His return home, as described in that book, had convinced Joe that American culture “is based on two things: television and petroleum.” We live “in an age of corporate dominion just as we once lived in an age of domination by royal families, kings, and warlords.” He reserved his greatest ferocity for the liberals who let it all happen, with their thick-headed denial of what is obvious to nearly every thinking white person: A class conflict is being played out between the Scots-Irish culture and what James Webb rightly called America’s “paternalistic Ivy League-centered, media-connected, politically correct power centers.” Whether educated liberals believe this or not, it is true. Tens of millions of Scots Irish and thousands of Scots Irish–influenced communities believe it is true and vote as if it is true, and that makes it true.

Joe’s book prompted speaking invitations in England, Italy, and Australia. His ideas were quoted approvingly by the New York Times, NPR, and the BBC, particularly as the 2008 presidential election neared. His rage became his brand, a fishing vest and beer gut his uniform, and before Barack Obama began campaigning for a second term, Joe Bageant was dead, at age sixty-four. It was cancer, not suicide, but by the end he’d grown so angry about the root cruelty and unfairness of American-style capitalism that the only solace he allowed himself in his columns was a firm belief in the oncoming collapse. “It is seeing everything in material terms, just like our avaricious capitalist overlords, that holds us back,” he wrote just months before learning of the tumor that had clenched around his intestines like a fist. “We are in the sixth great species die-off here.”
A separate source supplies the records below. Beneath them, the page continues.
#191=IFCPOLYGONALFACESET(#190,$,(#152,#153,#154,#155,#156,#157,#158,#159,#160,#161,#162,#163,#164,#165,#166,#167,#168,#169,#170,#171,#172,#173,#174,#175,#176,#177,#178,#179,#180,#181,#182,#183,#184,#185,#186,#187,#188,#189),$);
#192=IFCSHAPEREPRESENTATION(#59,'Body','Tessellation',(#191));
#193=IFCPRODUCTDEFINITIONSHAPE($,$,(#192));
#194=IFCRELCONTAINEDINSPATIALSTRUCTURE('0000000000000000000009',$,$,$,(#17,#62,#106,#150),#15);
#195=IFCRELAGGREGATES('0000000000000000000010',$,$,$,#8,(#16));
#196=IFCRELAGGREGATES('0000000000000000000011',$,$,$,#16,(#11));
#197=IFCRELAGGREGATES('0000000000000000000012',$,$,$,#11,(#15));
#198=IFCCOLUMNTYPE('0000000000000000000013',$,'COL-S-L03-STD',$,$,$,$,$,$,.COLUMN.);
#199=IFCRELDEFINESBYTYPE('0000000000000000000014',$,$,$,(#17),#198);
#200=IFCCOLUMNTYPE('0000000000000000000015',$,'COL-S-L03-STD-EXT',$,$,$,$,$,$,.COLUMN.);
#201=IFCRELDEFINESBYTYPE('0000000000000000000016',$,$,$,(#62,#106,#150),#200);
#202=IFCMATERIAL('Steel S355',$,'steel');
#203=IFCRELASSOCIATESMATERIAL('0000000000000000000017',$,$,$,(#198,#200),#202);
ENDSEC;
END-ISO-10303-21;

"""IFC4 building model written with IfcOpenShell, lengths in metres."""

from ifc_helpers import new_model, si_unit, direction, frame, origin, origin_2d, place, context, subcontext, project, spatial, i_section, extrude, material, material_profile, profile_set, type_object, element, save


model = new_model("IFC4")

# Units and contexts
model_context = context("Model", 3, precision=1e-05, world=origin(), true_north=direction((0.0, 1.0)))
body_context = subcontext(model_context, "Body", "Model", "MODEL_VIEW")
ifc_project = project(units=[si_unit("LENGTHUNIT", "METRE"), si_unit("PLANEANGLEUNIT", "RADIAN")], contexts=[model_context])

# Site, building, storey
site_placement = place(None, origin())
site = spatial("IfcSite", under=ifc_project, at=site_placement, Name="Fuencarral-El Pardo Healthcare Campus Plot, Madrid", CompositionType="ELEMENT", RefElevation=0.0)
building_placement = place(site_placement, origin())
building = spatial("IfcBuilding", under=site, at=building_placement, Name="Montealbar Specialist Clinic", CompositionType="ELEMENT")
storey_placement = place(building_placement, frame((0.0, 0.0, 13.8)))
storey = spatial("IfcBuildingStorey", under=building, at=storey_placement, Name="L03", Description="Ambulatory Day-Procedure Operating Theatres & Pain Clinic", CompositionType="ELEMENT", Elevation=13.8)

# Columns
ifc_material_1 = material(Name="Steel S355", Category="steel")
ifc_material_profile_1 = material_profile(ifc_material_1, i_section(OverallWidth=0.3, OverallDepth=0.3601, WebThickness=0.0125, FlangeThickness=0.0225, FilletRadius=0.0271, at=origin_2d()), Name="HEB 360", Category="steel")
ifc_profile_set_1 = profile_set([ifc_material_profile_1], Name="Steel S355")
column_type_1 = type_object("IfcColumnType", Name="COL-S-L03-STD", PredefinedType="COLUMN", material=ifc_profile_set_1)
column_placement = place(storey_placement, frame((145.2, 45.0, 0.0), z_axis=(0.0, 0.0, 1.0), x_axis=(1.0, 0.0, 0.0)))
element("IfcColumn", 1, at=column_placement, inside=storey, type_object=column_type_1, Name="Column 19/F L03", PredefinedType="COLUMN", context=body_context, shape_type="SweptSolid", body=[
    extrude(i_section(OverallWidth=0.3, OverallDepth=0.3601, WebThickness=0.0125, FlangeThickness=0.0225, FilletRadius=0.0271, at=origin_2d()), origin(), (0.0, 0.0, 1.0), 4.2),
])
Returning as he did to Winchester right as Bush took office, Joe Bageant stepped into a writer’s dream—a perfect confluence of subject, setting, and personal knowledge—and he responded with fury, writing essay after raging essay, a dazzling output that collectively foresaw the housing crisis and recession, Obamacare, and “the 1 percent” as a rhetorical tool. Yet four years after his death, he’s remembered for one book and a corresponding moment of semi-fame as “America’s Most Literate Redneck,” if he’s remembered at all.
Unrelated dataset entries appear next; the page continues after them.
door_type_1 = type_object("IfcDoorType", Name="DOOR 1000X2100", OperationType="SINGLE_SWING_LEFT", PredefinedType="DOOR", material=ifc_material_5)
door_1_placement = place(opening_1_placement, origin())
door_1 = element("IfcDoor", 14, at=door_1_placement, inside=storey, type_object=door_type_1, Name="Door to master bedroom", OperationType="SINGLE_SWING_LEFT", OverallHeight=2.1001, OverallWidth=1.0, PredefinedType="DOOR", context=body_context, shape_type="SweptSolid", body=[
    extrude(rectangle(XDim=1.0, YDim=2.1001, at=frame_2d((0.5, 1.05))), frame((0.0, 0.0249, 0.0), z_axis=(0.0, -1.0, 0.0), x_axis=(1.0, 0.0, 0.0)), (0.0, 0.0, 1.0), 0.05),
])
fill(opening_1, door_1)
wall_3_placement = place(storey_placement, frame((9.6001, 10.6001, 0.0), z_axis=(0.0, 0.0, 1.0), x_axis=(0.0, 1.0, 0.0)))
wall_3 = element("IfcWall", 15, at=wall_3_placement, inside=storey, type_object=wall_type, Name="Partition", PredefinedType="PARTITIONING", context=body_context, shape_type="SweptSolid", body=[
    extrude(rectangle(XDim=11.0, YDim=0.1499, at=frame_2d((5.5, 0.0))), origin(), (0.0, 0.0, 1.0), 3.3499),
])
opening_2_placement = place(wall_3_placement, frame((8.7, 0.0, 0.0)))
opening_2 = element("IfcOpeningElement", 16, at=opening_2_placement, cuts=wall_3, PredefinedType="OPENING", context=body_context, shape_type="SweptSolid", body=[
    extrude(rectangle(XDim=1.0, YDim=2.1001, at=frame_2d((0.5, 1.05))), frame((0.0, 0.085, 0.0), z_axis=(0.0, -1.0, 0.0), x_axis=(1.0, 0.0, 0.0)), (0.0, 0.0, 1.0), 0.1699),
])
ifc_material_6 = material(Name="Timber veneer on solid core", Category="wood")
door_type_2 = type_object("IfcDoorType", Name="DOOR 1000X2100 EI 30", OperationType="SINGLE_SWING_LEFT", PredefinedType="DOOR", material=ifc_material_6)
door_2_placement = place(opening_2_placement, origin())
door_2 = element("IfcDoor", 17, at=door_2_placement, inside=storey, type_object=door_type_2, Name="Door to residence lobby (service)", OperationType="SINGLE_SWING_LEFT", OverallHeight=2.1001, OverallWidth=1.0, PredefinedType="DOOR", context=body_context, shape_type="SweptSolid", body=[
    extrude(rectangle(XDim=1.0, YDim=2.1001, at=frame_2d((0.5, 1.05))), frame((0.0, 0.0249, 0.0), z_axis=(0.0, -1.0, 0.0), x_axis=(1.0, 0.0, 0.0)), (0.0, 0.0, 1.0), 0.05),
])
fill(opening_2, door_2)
From the outside, Joe Bageant’s career and image seemed to materialize spontaneously, but for all his bubba bona fides, Joe’s outlook was equally the product of LSD, Buddhism, American Indian activists, Timothy Leary, and the back-to-the-land movement. In fact, the twenty-first century’s foremost chronicler of red-state dispossession was more than just a literate redneck—he was an avenging angel of the forgotten rural hippie movement. If his work—particularly his vivid second book, Rainbow Pie: A Redneck Memoir, which remains without a U.S. publisher—were more deeply and widely read and his life more fully understood, Joe’s most radical propositions might seem worth considering: he insisted that tree-huggers are the natural allies of trailer trash, and that the political disasters of the last few decades are a result of the mainstream left’s disavowal of them both.